Any idea why are my fluorescence values not platouing at the same hight? The Cq values for the technical replicates are below 0.2 and in most cases below 0.1. Does the fact that the samples are not platouing at the same hight affect the data?
This is the first time it happened and I do not know what could be the reason I have such a scatter in the fluorescence extent.
I am studying the mitochondrial to nuclear DNA (mtDNA/nDNA) ratio using total DNA sample (undigested with RNAse A).
Nope, plateau height is entirely arbitrary. It doesn't mean much. You could run the exact same sample, on the exact same machines (if you had two of the same machine) with the same lot and batch of reagents, and you would certainly get different plateau heights. It varies from machine to machine. I wouldn't worry about it. Best of luck!
Nope, plateau height is entirely arbitrary. It doesn't mean much. You could run the exact same sample, on the exact same machines (if you had two of the same machine) with the same lot and batch of reagents, and you would certainly get different plateau heights. It varies from machine to machine. I wouldn't worry about it. Best of luck!

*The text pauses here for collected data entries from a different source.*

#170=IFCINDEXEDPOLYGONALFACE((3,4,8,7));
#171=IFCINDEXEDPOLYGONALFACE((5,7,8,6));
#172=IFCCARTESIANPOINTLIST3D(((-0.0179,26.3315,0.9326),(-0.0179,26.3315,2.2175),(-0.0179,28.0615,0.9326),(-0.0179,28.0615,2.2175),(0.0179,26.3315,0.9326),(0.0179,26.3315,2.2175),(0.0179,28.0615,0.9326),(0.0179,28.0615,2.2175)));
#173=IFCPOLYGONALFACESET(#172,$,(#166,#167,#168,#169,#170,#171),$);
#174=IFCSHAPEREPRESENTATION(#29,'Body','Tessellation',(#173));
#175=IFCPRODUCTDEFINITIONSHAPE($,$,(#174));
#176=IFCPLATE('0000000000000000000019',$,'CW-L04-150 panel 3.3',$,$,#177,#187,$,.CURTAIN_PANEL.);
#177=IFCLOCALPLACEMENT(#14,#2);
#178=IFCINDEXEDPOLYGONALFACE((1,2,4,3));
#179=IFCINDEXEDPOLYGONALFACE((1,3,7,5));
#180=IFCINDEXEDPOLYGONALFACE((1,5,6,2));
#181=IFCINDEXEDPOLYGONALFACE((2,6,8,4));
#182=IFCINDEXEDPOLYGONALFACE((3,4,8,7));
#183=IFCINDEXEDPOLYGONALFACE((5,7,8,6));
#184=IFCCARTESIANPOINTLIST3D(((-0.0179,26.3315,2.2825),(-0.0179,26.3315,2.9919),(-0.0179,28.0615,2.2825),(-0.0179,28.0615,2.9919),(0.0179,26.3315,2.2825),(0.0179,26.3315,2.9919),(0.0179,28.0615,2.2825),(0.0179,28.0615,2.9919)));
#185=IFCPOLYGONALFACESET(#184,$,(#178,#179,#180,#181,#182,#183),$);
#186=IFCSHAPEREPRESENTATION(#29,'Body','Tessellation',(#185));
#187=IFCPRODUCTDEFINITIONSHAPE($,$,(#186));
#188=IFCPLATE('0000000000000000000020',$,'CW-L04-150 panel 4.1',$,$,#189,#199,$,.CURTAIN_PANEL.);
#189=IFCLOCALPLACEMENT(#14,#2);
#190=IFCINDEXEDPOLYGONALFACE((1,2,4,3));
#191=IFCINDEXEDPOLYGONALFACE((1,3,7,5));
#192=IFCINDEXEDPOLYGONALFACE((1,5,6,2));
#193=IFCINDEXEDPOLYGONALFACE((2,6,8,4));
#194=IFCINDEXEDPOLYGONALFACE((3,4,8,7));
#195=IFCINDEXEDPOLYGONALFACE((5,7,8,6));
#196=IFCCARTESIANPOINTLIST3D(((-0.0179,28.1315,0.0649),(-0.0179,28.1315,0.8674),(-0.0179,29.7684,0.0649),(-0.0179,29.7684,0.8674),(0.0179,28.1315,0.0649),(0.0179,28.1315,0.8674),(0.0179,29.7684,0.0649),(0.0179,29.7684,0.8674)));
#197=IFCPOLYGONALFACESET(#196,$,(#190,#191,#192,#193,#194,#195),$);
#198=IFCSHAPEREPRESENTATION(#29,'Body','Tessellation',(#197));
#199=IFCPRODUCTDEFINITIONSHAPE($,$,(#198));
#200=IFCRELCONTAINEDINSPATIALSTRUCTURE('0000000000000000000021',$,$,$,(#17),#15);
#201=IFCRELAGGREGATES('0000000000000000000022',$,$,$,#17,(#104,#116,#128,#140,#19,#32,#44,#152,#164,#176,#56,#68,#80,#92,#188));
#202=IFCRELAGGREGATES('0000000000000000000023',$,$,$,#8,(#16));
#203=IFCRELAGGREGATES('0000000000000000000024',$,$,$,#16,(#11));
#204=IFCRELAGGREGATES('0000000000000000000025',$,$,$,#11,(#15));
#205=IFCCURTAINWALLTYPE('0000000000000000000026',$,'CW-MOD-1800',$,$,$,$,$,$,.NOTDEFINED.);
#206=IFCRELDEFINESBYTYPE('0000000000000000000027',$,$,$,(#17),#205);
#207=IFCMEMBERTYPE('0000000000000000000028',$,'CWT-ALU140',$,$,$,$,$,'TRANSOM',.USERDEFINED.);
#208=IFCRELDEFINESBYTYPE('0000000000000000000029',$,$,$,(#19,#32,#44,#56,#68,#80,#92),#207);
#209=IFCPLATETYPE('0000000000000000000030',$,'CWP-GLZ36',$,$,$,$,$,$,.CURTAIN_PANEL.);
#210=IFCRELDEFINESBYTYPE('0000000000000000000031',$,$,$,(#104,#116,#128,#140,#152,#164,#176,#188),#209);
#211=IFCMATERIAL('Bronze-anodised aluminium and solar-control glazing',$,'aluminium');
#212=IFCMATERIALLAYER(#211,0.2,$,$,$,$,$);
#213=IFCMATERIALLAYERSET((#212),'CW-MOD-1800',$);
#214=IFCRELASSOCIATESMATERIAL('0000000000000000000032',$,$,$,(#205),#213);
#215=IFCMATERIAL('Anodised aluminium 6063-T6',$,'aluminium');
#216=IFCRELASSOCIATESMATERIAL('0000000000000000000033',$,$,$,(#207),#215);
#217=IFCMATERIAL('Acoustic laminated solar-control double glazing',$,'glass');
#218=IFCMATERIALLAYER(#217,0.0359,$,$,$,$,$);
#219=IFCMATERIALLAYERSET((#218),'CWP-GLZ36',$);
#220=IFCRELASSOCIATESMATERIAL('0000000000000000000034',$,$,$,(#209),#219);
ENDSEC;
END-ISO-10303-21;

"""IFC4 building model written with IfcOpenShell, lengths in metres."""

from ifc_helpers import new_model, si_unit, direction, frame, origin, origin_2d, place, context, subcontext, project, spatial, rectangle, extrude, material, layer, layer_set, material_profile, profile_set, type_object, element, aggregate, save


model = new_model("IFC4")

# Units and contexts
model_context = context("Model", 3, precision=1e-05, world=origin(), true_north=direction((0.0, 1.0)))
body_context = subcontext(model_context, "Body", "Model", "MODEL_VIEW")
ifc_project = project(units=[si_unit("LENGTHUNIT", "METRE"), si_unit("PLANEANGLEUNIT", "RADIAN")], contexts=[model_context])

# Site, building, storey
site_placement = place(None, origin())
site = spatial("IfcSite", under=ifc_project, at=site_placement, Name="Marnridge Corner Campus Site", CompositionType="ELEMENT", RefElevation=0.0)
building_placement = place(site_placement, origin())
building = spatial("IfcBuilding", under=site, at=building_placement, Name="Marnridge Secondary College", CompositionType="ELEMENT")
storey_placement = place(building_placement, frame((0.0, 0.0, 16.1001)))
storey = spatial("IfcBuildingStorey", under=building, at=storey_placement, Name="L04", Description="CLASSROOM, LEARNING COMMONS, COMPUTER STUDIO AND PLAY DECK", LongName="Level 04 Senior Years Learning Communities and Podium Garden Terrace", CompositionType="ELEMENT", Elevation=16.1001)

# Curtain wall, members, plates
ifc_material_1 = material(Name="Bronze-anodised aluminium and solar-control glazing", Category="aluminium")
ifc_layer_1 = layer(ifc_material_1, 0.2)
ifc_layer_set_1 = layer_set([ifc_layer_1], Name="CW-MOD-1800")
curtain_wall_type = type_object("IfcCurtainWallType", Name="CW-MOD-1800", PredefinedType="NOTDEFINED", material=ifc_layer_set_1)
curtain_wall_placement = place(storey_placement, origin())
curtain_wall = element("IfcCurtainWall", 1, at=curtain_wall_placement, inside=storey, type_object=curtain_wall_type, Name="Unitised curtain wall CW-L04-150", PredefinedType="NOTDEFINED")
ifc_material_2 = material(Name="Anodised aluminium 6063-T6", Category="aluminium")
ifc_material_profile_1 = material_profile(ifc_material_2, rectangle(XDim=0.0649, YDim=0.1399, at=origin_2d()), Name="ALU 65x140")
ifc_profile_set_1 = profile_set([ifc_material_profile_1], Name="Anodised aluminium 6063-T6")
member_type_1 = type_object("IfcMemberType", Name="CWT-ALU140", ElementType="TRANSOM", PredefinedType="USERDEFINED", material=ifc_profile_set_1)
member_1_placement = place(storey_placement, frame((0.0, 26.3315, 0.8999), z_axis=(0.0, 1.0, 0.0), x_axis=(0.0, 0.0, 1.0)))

I agree with Craig, you should be more concerned with the Ct values of your replicates. Since PCR is a doubling process, all your replicates should have very similar Cts given that they have the same amount of starting material. This is why the blue bar is set at the exponential/linear phase, all replicates should perform or cross the threshold very similarly to each other in terms of amplification in the exponential/linear phase (assuming similar efficiency). Large deviations, however, may warrrant investigation.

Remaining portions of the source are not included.